First of all let's set
int (*functionInitialEquations_lambda0)(DATA *data, threadData_t*); from our C callback to be NULL if initialEquations_lambda0 in SimCode.SIMCODE is empty.
The let our C runtime handle such a case by using the normal initialization system with lambda=0, e.g. calling functionInitialEquations instead of functionInitialEquations_lambda0.

This sounds good. However, is it really different from what is happening now? I understood that the initial-lambda0 case actually only set the start values to the unknowns, and then the homotopy started at lambda = 0, which should be exactly the same as you're trying to do.

Do I miss something?

[AnHeuermann]

From this point of view, notice that even though the equations with structural simplifications are equivalent to those without, but with numerical lambda = 0, meaning that they have the same solution, they may not be equally easy to solve by Newton's equation.

I agree. But I would like to close this issue and continue on implementing this in #5806.

---

This sounds good. However, is it really different from what is happening now? I understood that the initial-lambda0 case actually only set the start values to the unknowns, and then the homotopy started at lambda = 0, which should be exactly the same as you're trying to do.
Do I miss something?

Before ​https://github.com/OpenModelica/OpenModelica/pull/7095 was merged for lambda=0 nothing was happening. So start values are set and then the homotopy process started with lambda=0.333 (or so). That is of course even harder then to start with the actual*lambda+simplified*(1-lambda) for lambda=0.

[casella]

Replying to AnHeuermann:

From this point of view, notice that even though the equations with structural simplifications are equivalent to those without, but with numerical lambda = 0, meaning that they have the same solution, they may not be equally easy to solve by Newton's equation.

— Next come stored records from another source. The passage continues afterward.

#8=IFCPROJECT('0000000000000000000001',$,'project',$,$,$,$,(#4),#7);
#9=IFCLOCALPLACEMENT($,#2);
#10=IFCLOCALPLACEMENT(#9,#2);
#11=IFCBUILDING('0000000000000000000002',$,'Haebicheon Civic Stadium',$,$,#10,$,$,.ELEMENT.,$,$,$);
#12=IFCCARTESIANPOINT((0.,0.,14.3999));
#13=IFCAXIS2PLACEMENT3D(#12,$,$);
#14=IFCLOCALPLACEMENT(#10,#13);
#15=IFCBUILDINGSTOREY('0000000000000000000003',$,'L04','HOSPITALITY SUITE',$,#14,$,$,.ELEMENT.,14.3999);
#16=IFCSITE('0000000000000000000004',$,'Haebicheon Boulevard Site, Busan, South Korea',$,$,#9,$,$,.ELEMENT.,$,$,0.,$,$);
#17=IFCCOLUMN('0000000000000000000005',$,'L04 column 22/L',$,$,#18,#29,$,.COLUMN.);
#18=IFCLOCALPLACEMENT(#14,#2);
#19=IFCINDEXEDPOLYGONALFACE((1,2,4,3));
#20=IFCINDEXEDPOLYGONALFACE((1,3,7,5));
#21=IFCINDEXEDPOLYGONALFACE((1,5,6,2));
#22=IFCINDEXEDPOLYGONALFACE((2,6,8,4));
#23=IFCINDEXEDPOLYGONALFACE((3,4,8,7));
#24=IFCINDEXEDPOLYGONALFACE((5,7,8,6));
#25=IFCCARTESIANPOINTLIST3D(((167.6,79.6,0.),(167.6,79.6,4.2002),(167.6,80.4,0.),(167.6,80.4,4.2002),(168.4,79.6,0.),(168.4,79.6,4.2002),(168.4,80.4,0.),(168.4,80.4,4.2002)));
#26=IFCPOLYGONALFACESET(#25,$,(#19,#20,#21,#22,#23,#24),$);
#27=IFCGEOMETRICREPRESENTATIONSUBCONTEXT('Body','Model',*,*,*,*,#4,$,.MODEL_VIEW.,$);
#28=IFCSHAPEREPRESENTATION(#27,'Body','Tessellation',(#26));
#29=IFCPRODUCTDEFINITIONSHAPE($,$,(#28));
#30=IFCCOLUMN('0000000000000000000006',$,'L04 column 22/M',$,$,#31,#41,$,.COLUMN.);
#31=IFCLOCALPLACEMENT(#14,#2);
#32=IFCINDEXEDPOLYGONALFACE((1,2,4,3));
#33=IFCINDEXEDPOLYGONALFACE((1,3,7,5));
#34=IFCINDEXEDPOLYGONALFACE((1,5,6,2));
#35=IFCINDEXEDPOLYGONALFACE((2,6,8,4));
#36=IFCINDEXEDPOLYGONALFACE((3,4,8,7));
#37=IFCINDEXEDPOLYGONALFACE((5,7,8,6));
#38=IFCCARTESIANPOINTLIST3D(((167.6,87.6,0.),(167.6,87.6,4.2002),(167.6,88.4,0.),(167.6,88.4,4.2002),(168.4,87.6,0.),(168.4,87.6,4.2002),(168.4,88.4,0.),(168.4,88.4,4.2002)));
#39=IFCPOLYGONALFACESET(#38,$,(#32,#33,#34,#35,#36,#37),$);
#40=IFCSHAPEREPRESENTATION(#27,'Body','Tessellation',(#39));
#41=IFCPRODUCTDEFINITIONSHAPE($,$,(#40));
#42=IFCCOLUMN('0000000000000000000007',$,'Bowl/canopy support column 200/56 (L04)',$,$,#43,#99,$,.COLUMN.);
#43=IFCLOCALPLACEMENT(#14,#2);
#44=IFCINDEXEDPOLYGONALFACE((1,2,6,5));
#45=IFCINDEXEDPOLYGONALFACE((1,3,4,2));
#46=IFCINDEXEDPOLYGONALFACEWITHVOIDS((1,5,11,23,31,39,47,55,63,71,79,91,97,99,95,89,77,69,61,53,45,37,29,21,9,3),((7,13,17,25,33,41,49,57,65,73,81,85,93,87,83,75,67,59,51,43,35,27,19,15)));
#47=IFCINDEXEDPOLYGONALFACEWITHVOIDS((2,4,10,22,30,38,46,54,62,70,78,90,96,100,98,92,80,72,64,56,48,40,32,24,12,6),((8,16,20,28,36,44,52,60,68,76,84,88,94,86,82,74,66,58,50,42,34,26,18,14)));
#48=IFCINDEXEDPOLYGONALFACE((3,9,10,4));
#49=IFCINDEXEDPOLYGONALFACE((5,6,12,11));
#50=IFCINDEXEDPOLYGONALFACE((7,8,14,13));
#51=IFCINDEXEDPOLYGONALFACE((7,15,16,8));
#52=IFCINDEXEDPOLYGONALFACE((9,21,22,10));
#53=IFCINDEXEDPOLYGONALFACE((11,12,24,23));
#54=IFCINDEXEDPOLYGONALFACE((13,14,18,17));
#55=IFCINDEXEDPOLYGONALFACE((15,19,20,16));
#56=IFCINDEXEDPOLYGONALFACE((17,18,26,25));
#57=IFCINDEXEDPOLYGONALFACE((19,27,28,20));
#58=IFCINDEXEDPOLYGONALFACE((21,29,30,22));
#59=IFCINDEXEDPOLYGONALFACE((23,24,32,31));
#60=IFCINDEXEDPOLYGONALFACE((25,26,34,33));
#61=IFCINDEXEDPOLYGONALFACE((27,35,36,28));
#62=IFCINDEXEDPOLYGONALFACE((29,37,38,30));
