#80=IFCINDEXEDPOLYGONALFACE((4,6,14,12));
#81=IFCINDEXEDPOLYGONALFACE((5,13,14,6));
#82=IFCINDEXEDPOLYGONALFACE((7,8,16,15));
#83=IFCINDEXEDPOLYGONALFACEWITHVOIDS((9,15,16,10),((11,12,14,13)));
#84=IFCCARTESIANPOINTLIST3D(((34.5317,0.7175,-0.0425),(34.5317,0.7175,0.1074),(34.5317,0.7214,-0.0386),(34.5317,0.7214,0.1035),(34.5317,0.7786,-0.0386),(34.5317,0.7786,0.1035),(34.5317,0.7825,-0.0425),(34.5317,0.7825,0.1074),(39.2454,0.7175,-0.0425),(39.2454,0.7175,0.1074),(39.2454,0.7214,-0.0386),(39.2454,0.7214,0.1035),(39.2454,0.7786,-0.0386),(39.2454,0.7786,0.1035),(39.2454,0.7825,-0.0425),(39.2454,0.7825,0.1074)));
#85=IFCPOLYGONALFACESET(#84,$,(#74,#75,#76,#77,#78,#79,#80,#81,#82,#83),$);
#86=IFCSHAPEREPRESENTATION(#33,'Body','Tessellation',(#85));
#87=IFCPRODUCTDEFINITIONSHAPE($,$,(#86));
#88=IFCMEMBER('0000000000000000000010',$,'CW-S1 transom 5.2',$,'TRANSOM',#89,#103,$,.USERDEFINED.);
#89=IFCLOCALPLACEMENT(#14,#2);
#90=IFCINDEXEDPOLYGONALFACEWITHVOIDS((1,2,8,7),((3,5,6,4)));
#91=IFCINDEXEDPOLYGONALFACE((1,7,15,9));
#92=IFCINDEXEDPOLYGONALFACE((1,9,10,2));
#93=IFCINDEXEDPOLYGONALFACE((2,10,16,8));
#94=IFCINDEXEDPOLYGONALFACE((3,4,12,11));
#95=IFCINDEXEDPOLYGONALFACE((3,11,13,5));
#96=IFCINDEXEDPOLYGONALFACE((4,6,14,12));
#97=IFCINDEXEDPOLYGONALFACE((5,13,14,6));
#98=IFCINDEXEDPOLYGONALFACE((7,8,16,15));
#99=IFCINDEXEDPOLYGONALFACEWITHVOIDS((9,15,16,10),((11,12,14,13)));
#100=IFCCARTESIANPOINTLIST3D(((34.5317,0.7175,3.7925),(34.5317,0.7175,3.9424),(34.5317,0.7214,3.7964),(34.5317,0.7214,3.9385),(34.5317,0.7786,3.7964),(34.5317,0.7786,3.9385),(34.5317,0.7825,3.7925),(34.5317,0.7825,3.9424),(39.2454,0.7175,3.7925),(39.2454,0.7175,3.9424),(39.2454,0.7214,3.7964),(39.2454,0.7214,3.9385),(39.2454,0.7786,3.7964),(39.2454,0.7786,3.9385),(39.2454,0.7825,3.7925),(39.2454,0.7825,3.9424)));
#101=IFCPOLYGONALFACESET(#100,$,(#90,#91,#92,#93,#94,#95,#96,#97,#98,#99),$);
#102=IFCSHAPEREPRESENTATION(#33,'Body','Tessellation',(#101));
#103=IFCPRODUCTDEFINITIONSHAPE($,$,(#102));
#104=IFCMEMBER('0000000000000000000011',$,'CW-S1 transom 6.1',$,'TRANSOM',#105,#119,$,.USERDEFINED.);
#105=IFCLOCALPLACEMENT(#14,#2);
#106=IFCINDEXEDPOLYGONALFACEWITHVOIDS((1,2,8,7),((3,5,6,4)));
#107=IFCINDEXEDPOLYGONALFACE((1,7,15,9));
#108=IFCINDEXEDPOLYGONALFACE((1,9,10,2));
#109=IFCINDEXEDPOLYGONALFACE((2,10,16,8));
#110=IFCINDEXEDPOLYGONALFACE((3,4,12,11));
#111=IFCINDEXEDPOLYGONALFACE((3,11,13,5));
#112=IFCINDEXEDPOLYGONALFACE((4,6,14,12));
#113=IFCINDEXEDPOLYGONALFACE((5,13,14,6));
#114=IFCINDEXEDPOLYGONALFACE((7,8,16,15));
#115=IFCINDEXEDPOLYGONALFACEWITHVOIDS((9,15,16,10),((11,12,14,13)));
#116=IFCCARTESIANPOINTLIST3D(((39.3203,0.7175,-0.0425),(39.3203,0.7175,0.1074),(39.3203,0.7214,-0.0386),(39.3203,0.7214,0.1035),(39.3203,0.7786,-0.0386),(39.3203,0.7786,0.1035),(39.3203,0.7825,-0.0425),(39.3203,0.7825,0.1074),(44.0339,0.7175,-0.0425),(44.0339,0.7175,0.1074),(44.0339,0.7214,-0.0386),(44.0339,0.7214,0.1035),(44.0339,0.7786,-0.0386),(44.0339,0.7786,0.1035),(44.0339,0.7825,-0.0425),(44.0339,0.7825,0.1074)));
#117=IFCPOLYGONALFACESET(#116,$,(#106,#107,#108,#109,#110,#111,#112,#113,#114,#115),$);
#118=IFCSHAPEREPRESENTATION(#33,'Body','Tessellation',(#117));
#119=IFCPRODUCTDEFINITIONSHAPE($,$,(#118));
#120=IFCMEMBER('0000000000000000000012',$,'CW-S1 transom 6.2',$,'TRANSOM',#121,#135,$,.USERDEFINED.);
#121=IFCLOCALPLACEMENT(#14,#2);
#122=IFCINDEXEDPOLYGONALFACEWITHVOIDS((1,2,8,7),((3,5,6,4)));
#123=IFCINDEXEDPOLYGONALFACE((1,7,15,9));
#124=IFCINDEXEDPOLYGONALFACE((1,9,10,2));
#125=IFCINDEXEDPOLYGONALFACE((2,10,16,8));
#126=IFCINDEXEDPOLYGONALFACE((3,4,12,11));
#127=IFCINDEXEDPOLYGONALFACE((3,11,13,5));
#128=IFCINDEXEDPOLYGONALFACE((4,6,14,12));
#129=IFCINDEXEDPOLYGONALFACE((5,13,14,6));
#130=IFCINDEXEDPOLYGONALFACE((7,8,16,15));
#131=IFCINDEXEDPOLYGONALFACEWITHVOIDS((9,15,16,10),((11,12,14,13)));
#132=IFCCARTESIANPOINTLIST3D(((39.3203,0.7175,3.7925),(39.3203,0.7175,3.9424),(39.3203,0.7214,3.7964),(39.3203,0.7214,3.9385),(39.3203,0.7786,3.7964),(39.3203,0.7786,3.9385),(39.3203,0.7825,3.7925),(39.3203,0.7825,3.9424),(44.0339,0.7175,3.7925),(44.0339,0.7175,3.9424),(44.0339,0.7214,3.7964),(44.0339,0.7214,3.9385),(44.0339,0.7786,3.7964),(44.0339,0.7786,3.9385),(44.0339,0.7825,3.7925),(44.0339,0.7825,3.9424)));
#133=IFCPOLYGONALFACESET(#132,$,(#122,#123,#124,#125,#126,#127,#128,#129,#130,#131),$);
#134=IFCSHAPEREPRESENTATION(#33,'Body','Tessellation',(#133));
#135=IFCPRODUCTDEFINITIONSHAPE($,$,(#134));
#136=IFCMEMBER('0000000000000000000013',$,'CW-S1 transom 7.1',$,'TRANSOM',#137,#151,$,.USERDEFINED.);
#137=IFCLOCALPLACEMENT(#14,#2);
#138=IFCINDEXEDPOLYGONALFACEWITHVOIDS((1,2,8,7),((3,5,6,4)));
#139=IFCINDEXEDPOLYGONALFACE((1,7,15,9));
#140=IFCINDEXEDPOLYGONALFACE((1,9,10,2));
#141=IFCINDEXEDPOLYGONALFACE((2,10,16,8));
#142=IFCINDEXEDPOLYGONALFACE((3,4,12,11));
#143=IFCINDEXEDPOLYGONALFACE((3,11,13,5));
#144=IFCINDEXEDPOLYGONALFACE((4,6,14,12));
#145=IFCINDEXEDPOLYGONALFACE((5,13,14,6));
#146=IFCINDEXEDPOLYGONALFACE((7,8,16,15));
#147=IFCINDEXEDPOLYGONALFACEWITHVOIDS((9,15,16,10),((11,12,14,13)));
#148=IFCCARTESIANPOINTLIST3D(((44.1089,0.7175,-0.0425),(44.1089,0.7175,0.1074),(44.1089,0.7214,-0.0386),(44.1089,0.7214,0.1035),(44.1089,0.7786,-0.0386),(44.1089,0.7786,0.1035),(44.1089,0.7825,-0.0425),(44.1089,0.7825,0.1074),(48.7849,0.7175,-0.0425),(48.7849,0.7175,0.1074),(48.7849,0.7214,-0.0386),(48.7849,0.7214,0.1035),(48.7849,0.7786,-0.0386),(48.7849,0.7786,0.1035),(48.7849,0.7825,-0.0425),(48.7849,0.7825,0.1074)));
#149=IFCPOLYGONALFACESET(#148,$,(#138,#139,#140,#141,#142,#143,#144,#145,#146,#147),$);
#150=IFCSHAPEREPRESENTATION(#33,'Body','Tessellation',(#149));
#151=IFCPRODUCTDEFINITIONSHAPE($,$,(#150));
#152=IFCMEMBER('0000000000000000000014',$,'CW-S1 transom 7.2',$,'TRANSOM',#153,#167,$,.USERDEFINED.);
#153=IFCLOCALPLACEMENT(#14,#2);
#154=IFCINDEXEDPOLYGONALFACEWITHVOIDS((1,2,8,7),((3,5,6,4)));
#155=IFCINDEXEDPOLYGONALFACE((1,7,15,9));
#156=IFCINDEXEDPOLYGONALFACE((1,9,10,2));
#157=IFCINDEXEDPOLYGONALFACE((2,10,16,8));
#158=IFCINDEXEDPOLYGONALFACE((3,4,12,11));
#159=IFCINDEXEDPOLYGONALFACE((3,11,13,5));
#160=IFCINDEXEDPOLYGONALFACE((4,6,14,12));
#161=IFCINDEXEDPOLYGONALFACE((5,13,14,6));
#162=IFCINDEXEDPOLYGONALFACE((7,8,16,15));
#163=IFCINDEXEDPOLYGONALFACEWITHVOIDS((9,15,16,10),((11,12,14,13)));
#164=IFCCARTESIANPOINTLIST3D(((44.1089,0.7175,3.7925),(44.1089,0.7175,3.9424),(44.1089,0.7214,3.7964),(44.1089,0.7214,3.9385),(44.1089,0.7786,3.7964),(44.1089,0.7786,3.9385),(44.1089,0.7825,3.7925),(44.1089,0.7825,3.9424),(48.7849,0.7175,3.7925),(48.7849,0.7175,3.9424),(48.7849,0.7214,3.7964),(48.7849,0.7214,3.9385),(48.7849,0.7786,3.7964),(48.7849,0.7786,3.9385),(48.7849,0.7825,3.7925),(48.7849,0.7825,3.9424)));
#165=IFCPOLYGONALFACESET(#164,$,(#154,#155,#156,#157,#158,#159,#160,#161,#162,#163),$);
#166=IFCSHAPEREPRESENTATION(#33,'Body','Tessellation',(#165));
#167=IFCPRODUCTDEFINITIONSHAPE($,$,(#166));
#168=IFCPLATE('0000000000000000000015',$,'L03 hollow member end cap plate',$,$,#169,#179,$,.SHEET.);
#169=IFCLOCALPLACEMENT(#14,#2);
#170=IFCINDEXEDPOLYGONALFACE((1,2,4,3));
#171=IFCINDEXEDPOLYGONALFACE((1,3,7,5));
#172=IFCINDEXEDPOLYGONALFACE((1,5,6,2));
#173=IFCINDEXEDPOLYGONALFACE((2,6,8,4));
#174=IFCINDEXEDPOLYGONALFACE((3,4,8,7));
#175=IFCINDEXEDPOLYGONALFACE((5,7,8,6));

I agree. But I would like to close this issue and continue on implementing this in #5806.

Sounds good.

---

This sounds good. However, is it really different from what is happening now? I understood that the initial-lambda0 case actually only set the start values to the unknowns, and then the homotopy started at lambda = 0, which should be exactly the same as you're trying to do.
Do I miss something?

Before ​https://github.com/OpenModelica/OpenModelica/pull/7095 was merged for lambda=0 nothing was happening. So start values are set and then the homotopy process started with lambda=0.333 (or so). That is of course even harder then to start with the actual*lambda+simplified*(1-lambda) for lambda=0.

OK, I see. I'll try out the nightly build on my grid tests and report if it works better.

Thanks!

[casella]

Just tried it with Type1_N_4_M_4 test case. Newton solver hangs forever when trying to solve the large nonlinear system during the lambda = 0 iteration. Besides, no LOG_NLS_V output for that system, alas, so it is impossible to figure out what's going on. You can try it yourself with the privately sent test package.

[casella]

Problem solved, see ticket:5806#comment:12.

The fact that the lambda = 0 step failed (without symbolic simplifications) maybe was due to #6348, we can continue the investigation using @christiankral's test case there.